Specter Rising (Brimstone Network Trilogy) Read online

Page 4


  “Nope,” the crippled kid said. “She’s clean, she didn’t have anything to with it . . . wrong place, wrong time.”

  The big man nodded to Johanna. “Good, I kinda fancied you.”

  Shaking off the effects of the mental probe, Johanna smiled. “You’re not too bad yourself. Anybody care to tell me what’s going on?”

  The sound of claws clicking upon the tile floor suddenly filled the room, and she smiled, happy to have her ghostly canine friends back in her presence. They swarmed eagerly around her, brushing up against her legs, leaping up to lick her face with soft, ghostly tongues.

  “There’s my good boys and girls,” she praised.

  The crippled kid looked a little confused.

  “Ghost dogs,” she said, patting one of the invisible beasts.

  “I guessed,” he said. “Didn’t realize how weird it would be in person.”

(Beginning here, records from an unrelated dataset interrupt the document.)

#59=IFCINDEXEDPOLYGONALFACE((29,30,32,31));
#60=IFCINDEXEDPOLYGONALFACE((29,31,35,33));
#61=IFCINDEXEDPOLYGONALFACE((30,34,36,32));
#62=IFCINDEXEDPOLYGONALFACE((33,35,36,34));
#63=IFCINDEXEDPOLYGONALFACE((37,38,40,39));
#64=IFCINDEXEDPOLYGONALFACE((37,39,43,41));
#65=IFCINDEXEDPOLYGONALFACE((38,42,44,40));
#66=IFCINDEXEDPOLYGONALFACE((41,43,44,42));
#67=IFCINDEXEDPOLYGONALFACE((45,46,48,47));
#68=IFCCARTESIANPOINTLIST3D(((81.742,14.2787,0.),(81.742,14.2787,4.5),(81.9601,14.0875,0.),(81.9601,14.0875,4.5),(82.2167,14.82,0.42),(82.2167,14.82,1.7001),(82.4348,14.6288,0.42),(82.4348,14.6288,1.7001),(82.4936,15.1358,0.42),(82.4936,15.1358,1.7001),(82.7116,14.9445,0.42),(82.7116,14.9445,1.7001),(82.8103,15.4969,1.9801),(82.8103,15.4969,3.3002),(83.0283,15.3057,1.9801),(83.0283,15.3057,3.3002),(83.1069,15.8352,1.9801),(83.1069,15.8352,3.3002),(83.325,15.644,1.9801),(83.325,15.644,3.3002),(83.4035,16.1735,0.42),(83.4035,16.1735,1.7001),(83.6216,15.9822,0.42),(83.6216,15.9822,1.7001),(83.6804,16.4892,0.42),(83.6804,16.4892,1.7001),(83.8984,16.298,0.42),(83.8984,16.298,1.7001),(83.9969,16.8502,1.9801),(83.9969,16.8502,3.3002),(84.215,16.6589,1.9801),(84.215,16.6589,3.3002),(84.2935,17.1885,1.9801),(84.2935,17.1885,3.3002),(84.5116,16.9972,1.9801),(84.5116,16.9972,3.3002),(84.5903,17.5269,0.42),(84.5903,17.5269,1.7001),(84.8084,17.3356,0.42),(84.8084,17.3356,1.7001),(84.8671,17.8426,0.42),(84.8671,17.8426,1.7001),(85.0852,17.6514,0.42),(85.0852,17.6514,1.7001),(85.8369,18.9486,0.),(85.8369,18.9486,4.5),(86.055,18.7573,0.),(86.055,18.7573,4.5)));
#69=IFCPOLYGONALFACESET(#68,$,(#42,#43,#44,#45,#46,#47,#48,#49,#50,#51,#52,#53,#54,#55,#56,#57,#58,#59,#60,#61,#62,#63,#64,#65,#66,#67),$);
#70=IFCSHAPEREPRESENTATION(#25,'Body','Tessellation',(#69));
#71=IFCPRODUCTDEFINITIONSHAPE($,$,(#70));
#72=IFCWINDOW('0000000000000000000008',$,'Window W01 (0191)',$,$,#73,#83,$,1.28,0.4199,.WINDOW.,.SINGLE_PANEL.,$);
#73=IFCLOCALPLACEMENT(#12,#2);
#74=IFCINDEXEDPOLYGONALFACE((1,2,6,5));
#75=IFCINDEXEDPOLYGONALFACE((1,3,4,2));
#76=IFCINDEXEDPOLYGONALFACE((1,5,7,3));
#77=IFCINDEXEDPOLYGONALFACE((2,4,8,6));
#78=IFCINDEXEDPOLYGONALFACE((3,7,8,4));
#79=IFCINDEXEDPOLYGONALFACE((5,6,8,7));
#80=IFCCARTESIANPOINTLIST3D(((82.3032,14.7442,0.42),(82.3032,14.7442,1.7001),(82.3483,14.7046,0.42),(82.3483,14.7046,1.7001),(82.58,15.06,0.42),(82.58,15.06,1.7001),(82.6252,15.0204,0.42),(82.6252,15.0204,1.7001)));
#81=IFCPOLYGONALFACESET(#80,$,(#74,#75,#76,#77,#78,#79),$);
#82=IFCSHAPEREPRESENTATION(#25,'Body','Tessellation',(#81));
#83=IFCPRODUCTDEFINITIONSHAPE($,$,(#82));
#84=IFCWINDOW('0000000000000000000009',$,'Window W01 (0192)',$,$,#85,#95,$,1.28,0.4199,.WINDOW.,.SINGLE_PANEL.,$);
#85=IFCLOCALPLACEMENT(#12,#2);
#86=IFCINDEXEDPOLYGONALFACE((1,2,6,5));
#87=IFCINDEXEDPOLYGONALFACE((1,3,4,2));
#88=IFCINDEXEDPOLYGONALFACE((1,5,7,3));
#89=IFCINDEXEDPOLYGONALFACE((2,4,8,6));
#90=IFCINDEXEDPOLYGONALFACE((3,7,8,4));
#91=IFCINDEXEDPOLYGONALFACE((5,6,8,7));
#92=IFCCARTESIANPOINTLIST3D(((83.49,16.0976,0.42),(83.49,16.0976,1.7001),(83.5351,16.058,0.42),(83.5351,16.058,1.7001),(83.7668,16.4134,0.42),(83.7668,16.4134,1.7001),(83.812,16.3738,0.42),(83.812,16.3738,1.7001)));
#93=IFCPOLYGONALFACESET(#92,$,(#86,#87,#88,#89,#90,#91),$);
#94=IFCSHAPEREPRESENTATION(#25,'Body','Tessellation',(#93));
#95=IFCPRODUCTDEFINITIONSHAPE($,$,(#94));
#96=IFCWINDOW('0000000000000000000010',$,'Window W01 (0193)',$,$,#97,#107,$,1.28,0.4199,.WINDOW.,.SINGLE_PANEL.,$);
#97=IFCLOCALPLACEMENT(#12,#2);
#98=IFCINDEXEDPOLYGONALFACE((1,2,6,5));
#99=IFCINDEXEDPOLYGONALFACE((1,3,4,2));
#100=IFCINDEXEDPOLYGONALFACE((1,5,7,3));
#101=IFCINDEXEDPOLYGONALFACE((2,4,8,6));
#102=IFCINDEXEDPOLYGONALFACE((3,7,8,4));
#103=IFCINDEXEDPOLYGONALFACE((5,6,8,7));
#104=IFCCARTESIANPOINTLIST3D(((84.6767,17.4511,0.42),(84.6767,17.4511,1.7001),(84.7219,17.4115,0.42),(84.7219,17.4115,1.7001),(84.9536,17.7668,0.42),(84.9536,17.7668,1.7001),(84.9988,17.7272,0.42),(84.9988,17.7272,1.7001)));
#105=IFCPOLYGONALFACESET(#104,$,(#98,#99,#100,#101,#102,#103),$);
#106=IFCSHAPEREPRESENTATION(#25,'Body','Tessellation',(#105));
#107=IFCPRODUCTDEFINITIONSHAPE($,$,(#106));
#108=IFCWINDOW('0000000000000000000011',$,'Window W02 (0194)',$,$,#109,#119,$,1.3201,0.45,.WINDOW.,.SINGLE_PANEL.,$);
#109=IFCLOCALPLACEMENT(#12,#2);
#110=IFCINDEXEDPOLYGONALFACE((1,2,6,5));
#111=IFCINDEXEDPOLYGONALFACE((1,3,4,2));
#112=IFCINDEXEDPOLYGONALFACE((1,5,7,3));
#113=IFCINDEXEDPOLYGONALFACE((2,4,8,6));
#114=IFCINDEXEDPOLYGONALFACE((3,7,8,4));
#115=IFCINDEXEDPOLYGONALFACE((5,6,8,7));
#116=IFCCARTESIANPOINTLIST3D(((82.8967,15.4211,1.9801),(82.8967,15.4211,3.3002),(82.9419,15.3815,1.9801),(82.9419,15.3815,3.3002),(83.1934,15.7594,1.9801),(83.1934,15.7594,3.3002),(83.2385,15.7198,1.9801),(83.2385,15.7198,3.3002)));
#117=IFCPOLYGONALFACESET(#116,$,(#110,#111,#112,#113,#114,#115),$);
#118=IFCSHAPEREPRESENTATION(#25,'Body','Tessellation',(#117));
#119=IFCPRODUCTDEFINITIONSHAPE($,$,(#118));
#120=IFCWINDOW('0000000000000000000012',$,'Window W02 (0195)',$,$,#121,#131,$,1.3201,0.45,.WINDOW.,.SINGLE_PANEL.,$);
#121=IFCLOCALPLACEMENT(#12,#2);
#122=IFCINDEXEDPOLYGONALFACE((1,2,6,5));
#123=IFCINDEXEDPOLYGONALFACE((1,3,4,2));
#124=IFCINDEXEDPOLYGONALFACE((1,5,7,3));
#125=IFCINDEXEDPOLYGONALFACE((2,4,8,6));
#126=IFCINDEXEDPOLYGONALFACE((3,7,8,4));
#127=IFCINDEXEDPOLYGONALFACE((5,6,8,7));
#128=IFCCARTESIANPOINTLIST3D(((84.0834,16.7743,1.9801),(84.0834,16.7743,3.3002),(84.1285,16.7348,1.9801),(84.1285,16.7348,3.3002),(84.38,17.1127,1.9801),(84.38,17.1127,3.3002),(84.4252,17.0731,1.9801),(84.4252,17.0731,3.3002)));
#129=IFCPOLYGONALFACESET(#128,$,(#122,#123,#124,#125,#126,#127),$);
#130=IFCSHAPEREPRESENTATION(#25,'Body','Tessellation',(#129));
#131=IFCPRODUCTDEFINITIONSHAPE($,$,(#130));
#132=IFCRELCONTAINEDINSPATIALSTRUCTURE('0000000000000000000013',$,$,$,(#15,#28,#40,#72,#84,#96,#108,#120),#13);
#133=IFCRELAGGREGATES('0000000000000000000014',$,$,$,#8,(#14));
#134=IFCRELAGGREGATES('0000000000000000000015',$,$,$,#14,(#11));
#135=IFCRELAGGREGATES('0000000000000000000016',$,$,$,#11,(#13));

  “So you gonna tell me what’s up?” she asked them.

  “Something very bad has happened here,” Stitch informed her. “It doesn’t concern you, so I would rather not . . .”

  “Is it about your commander?” she asked. “The cute kid? What was his name . . . Abraham Stone?”

  Stitch nodded again. “Yes, it is. How did you know?”

  She smiled, patting her dogs. “My friends told me.”

  “Something bad has happened to Bram,” the kid sitting across from her said.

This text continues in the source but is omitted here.